I am going to put up a voting dealio on this page to see if anyone actually reads this. Okay, after thinking about it for 10 seconds, I realize there is no way to
vote on whether you don’t read this. Must rethink strategy. Perhaps Al Gore isn’t busy and can help out. And no, Al, you’re still not getting my Madonna
tickets, so quit writing me.
9:10 PM CST:
Just heard from the captain that the weather in Houston has turned crappy and that we may have to divert to New Orleans. Woo hoo! If we wind up spending
the night I am totally going to Bourbon Street! What better way to spend the evening stuck somewhere? May have to rethink my ambitious list of to-do’s for
tomorrow. Darn. Does this mean I won’t be able to pick up trash tomorrow morning? And I was so looking forward to it. Don’t you love it when I speak
cryptically? The pilot has extra fuel for us to just sit around and circle Oklahoma for an hour or so before we try hitting Texas. Not sure if I should be
impressed that we were carrying hundreds of extra gallons of fuel. No wonder these suckers blow up in a fireball when they hit the ground, they’re always
carrying ”rainy day” fuel.
Going to try to nap up in case I really do get to hit The Big Easy tonight. If not, no loss, I’ll just drive by the Richmond strip with the convertible top down
and throw a bag of beads out the window. Same thing.
9:20 PM CST:
Okay, the pilot has got balls. He says that he’s pretty sure the storm system will move on by the time we get there and that a few planes have made approaches
and things seem to be calming down. He then mumbled the rest of his assurances and then went off. Something about what to do if we skid off the edge of the
runway or something. Either that or he was convulsing left and right again. Guess I’ll be cleaning the earth tomorrow morning after all. Looking outside the
window the sky is perfectly clear and you can see all the way to the ground (and we’re supposedly at 25,000 feet at least).
Wondering how the Sixers are doing. Not that I think they’re going to win the second game against LA, but it wouldn’t surprise me if they pulled out
another upset.
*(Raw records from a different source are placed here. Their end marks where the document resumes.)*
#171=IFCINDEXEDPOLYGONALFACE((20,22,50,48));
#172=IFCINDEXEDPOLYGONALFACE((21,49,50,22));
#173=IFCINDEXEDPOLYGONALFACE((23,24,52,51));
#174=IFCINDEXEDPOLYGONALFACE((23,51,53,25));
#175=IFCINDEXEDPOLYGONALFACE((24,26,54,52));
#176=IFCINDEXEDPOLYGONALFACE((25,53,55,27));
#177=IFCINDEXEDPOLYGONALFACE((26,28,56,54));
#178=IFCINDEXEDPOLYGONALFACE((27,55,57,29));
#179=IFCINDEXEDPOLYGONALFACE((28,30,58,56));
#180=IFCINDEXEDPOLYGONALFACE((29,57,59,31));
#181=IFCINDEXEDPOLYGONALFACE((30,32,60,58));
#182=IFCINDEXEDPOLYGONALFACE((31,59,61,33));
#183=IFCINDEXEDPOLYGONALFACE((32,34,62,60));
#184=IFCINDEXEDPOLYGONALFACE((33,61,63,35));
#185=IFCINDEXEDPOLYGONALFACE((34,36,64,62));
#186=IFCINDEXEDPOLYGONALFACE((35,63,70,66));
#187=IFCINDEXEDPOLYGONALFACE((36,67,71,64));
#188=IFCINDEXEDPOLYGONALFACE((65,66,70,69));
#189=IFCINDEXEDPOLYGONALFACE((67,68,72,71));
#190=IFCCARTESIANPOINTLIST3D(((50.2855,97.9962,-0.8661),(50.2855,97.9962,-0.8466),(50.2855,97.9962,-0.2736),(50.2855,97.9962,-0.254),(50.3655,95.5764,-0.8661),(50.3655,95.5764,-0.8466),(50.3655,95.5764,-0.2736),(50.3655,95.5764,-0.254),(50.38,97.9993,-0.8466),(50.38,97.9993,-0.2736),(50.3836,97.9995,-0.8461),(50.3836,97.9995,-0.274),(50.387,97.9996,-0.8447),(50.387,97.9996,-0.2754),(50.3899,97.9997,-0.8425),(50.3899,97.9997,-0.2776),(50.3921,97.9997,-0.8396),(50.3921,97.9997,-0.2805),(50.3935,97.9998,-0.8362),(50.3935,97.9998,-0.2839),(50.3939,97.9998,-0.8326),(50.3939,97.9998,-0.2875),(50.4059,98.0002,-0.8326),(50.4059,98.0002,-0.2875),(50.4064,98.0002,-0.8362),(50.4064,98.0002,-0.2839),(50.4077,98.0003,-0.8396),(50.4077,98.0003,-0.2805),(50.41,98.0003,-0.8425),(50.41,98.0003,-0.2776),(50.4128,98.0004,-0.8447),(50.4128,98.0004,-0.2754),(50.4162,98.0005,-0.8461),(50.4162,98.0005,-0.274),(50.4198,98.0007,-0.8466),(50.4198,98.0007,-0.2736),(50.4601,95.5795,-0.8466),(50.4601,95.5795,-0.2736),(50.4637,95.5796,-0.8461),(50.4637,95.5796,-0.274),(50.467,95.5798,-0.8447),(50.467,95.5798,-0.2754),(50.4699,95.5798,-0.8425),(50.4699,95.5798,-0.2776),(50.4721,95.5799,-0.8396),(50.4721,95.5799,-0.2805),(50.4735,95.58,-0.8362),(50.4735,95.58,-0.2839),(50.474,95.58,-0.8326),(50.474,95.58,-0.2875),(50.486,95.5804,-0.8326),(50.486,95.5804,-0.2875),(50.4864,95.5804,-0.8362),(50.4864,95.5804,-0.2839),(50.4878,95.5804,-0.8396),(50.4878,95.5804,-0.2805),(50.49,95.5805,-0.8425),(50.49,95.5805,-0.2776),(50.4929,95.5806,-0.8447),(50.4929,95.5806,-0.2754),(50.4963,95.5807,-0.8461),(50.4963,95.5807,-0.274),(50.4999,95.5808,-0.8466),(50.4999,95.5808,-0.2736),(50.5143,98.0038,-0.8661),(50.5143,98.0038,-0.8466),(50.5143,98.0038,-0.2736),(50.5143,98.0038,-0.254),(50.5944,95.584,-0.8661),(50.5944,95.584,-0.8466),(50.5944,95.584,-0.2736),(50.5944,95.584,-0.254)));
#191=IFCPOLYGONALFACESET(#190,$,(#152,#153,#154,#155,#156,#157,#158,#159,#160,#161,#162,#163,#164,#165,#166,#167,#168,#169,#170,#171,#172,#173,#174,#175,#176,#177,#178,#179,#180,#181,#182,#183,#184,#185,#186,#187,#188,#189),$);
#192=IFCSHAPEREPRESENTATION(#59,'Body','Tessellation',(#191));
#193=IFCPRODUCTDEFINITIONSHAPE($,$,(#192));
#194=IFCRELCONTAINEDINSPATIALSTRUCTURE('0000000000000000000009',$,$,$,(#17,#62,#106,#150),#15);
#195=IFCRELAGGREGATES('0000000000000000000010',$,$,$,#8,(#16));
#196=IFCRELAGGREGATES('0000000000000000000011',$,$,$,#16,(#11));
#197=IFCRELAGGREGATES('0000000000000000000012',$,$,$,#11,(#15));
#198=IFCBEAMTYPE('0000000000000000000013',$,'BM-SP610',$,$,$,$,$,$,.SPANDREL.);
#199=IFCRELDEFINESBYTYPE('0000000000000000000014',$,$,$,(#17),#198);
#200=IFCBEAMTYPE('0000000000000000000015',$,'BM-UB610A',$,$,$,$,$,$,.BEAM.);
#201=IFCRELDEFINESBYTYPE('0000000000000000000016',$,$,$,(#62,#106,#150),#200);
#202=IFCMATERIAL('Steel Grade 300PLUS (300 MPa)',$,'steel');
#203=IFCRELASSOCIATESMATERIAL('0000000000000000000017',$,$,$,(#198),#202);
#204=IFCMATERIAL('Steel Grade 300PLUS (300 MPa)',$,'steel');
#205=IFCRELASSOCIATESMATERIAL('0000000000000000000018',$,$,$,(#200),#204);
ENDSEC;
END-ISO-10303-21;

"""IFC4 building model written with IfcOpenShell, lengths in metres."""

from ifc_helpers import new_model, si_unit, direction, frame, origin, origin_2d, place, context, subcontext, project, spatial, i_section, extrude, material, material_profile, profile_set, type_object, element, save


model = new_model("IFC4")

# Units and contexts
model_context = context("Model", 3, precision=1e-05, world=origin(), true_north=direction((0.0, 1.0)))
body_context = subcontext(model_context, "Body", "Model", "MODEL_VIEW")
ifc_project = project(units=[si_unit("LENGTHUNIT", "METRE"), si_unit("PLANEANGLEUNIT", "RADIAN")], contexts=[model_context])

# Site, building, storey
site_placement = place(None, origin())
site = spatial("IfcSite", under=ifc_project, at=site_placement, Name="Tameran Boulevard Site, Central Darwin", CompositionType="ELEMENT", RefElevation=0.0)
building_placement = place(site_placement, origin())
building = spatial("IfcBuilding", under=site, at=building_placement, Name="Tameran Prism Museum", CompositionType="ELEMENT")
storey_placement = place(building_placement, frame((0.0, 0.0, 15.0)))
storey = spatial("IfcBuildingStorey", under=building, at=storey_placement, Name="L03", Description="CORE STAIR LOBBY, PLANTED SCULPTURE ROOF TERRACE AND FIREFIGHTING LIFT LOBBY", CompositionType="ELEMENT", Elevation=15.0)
You never know in the play offs. I’m sure NBC has a real hard time rigging the games with those psychics in the stands using telepathy
and telekinesis to jack with the basketball trajectory. What? You never knew they do that? Yeah, that’s right. They use the same people who make it
look like David Copperfield is doing real magic. I’ve asked them to use their powers to trick girls to walk over to me at clubs, but their hourly rates are
hellacious.
Plane is shaking all over the place. If this is the last thing I type (and if the laptop makes it to the ground in one piece, tell my family that I’ll miss them
(although I’ll see what I can do about some friendly haunting and perhaps make a Casper The Friendly ghost type appearance on Friday nights. We’ll see.
I’d still need to bypass that whole walking into the light thing (again).
9:29 PM CST:
Remember the ground? It’s missing. Clouds in the way now. News at 11.
10:20 PM CST: I lived. It took forever to get home. Drove through some water. All that was more dangerous than the actual landing. More after I recover.